There were more Native American languages in California than anywhere else in the United States. In fact, more languages were spoken here three hundred years ago than in all of Europe. Four languages - Patwin, Miwok, Ohlone and Yokut - were spoken in just the area that borders San Francisco Bay. These languages are named for the word their speakers used for "people". Thus Patwin is both the language spoken by the "people" of Suisun Valley and their nearest neighbors, and the name by which they called themselves. All Patwins lived in a an area about sixty miles long by forty miles wide that stretches north from the Sacramento River estuary. Outside of here lived other "people", such as the Miwok, Ohlone, Wintun and Wappo, whose speech the Patwins did not understand.

The Bay languages of Patwin, Miwok, Yokut and Ohlone belong to the Penutian language family. Also, the languages of the Wintun and Maidu, which are found in the northern Sacramento Valley, are Penutian also. Two non-Penutian languages are found in the nearby northern Napa Valley - one being Pomo, which is a Hokan language, and the other being Wappo (Guapo), which is Yukian. The Patwin tongue of the Suisun Indians, together with Wintun and Maidu, all belong to a Penutian sub-group in which the word "pen" designates the number "two". By contrast, Miwok, Ohlone and Yokut belong to a different Penutian sub-group in which "utia" is the word that designates the number "two". There is a chart below that shows these relationships.

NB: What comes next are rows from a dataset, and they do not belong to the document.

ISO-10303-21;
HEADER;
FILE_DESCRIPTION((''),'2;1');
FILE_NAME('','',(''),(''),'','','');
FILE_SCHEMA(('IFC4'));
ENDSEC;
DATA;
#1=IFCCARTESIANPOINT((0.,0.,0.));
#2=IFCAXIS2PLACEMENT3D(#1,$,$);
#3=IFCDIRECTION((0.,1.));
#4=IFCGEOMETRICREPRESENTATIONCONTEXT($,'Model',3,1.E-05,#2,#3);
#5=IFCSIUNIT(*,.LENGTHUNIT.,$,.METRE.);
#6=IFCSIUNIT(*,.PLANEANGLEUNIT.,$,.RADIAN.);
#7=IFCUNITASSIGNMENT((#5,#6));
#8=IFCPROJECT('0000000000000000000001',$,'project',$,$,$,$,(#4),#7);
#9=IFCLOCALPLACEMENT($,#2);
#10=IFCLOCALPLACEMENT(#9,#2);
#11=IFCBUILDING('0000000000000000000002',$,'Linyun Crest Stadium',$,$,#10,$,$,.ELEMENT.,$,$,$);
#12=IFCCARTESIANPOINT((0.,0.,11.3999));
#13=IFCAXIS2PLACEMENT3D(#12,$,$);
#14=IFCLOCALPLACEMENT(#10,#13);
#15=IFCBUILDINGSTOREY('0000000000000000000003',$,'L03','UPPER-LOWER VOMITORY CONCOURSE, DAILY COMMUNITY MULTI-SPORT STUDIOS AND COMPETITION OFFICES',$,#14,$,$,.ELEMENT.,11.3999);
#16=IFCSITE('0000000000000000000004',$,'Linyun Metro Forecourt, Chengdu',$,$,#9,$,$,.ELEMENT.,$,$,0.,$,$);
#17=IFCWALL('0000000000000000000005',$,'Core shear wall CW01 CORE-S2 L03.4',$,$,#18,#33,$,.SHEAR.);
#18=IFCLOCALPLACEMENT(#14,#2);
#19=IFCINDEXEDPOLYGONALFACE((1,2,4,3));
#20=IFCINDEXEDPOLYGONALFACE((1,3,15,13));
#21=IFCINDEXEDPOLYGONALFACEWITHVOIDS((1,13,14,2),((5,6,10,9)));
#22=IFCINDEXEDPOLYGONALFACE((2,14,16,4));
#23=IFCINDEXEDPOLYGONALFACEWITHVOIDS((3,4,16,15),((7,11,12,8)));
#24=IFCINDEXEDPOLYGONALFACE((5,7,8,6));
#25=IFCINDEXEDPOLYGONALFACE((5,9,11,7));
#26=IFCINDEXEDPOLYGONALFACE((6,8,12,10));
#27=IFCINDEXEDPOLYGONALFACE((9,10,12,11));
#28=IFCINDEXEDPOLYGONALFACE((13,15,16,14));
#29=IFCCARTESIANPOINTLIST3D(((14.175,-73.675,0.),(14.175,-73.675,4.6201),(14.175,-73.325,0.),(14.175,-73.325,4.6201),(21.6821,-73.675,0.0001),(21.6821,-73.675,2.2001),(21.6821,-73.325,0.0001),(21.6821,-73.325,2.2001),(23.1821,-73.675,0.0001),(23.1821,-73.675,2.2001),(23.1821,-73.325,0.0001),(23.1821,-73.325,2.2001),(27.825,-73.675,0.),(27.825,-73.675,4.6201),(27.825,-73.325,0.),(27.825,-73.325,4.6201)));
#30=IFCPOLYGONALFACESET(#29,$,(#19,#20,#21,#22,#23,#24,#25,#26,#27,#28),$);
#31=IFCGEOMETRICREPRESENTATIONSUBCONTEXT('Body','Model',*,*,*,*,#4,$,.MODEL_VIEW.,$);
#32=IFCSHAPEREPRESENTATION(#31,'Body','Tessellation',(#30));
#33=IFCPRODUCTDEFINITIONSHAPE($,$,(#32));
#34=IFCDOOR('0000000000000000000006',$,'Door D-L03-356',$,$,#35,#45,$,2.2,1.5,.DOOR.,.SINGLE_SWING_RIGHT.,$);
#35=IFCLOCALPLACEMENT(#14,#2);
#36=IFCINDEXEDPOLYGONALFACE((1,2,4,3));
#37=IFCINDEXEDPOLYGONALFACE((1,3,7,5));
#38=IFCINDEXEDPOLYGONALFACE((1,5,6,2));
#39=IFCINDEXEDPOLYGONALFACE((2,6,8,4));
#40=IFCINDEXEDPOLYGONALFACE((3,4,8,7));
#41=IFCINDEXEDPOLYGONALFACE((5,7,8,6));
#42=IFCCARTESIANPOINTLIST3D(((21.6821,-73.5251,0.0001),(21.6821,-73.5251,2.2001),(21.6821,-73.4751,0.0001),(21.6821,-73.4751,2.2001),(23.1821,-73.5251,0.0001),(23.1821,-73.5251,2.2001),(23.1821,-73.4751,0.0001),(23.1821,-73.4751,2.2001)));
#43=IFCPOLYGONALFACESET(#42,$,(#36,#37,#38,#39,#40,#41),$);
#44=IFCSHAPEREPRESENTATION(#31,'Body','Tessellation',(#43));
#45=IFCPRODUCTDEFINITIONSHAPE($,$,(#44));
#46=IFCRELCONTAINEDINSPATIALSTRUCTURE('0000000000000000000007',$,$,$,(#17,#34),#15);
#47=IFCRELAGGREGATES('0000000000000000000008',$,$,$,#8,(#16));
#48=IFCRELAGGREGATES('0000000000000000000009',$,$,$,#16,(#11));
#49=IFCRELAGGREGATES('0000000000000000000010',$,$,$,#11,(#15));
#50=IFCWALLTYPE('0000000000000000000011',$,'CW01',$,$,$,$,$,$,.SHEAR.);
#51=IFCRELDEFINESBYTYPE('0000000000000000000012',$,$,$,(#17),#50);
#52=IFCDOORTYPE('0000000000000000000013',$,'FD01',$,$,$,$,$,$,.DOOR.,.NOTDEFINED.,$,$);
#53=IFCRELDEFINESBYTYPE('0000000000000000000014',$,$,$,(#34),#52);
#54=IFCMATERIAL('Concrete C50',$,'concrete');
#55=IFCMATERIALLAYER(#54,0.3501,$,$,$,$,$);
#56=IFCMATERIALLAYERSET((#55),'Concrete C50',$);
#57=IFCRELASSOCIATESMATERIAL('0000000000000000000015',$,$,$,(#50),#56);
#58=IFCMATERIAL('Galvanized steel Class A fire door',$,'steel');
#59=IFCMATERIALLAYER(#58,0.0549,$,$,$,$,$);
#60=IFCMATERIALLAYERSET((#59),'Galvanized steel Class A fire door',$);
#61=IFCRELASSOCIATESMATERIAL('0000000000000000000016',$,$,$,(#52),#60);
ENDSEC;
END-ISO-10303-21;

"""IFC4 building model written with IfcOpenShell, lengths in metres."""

from ifc_helpers import new_model, si_unit, direction, frame, frame_2d, origin, place, context, subcontext, project, spatial, rectangle, extrude, material, layer, layer_set, type_object, element, fill, save


model = new_model("IFC4")

# Units and contexts
model_context = context("Model", 3, precision=1e-05, world=origin(), true_north=direction((0.0, 1.0)))
body_context = subcontext(model_context, "Body", "Model", "MODEL_VIEW")
ifc_project = project(units=[si_unit("LENGTHUNIT", "METRE"), si_unit("PLANEANGLEUNIT", "RADIAN")], contexts=[model_context])

# Site, building, storey
site_placement = place(None, origin())
site = spatial("IfcSite", under=ifc_project, at=site_placement, Name="Linyun Metro Forecourt, Chengdu", CompositionType="ELEMENT", RefElevation=0.0)
building_placement = place(site_placement, origin())
building = spatial("IfcBuilding", under=site, at=building_placement, Name="Linyun Crest Stadium", CompositionType="ELEMENT")
storey_placement = place(building_placement, frame((0.0, 0.0, 11.3999)))
storey = spatial("IfcBuildingStorey", under=building, at=storey_placement, Name="L03", Description="UPPER-LOWER VOMITORY CONCOURSE, DAILY COMMUNITY MULTI-SPORT STUDIOS AND COMPETITION OFFICES", CompositionType="ELEMENT", Elevation=11.3999)

# Wall, opening, door
ifc_material_1 = material(Name="Concrete C50", Category="concrete")
ifc_layer_1 = layer(ifc_material_1, 0.3501)
ifc_layer_set_1 = layer_set([ifc_layer_1], Name="Concrete C50")
wall_type = type_object("IfcWallType", Name="CW01", PredefinedType="SHEAR", material=ifc_layer_set_1)
wall_placement = place(storey_placement, frame((14.175, -73.5, 0.0), z_axis=(0.0, 0.0, 1.0), x_axis=(1.0, 0.0, 0.0)))
wall = element("IfcWall", 1, at=wall_placement, inside=storey, type_object=wall_type, Name="Core shear wall CW01 CORE-S2 L03.4", PredefinedType="SHEAR", context=body_context, shape_type="SweptSolid", body=[
    extrude(rectangle(XDim=13.6499, YDim=0.3501, at=frame_2d((6.825, 0.0))), origin(), (0.0, 0.0, 1.0), 4.6201),
])
opening_placement = place(wall_placement, frame((7.5071, 0.0, 0.0)))
opening = element("IfcOpeningElement", 2, at=opening_placement, cuts=wall, PredefinedType="OPENING", context=body_context, shape_type="SweptSolid", body=[
    extrude(rectangle(XDim=1.5, YDim=2.2, at=frame_2d((0.75, 1.1001))), frame((0.0, 0.1851, 0.0), z_axis=(0.0, -1.0, 0.0), x_axis=(1.0, 0.0, 0.0)), (0.0, 0.0, 1.0), 0.3701),
])
ifc_material_2 = material(Name="Galvanized steel Class A fire door", Category="steel")
ifc_layer_2 = layer(ifc_material_2, 0.0549)
ifc_layer_set_2 = layer_set([ifc_layer_2], Name="Galvanized steel Class A fire door")
door_type = type_object("IfcDoorType", Name="FD01", OperationType="NOTDEFINED", PredefinedType="DOOR", material=ifc_layer_set_2)
door_placement = place(opening_placement, origin())
door = element("IfcDoor", 3, at=door_placement, inside=storey, type_object=door_type, Name="Door D-L03-356", OperationType="SINGLE_SWING_RIGHT", OverallHeight=2.2, OverallWidth=1.5, PredefinedType="DOOR", context=body_context, shape_type="SweptSolid", body=[
    extrude(rectangle(XDim=1.5, YDim=2.2, at=frame_2d((0.75, 1.1001))), frame((0.0, 0.0249, 0.0), z_axis=(0.0, -1.0, 0.0), x_axis=(1.0, 0.0, 0.0)), (0.0, 0.0, 1.0), 0.05),
])
fill(opening, door)

save(model, "model.ifc")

These languages are different enough from each other that speakers of one would not have been able to easily understand speakers of the other. We are not linguists, but to give some examples, we can probably compare these Indian languages to some modern European languages. For eample, the Patwin language of the Suisun Indians is perhaps as different from Wintun as French is from Italian, and as different from Maidu as French is from Spanish. Then Patwin is perhaps as different from Miwok as French is from Romanian, and as different from Wappo (Guapo), which is a Yukian tongue, as French is from Greek.

There are three different dialects of the Patwin language, each dialect differing from the others by slightly different pronounciations. However, the words are not so different as to limit the speaker of one dialect from understanding the speaker of another. The Suisune and their immediate Patwin neighbors spoke the Southern Patwin dialect, whereas Patwins to the far north of them spoke Hill Patwin and those living along the Sacramento River, such as the Yolos, spoke River Patwin. The Miwok villages of the Ompins, Chupcans, Bolbones (Volvon) and others, who lived just south of the Suisune, spoke the Bay Miwok dialect of the Miwok language, whereas various other Miwoks spoke either the Coast Miwok, Plains Miwok or Sierra Miwok dialects of the same language.

The Southern Patwin dialect became extinct in the 1920s when the last of the native speakers died. Possibly the last person to understand the language was Dr. Platon Vallejo (d. 1925), the son of General Mariano Vallejo, who of course was not Patwin, but Spanish. However, Platon was taught the Suisun language as a boy by his companion and mentor the Suisun Indian Tomo (d. c.1860). He compiled vocabulary lists of Suisun words, and it is from these lists that various authors over the years have tried to assign meanings to place names believed to be of Suisun Indian origin. One of Platon Vallejo's word lists is reproduced in Kroeber (1932), which is available in the link below. He also lists a few Suisun words in his 1914 article "Memoirs of the Vallejos".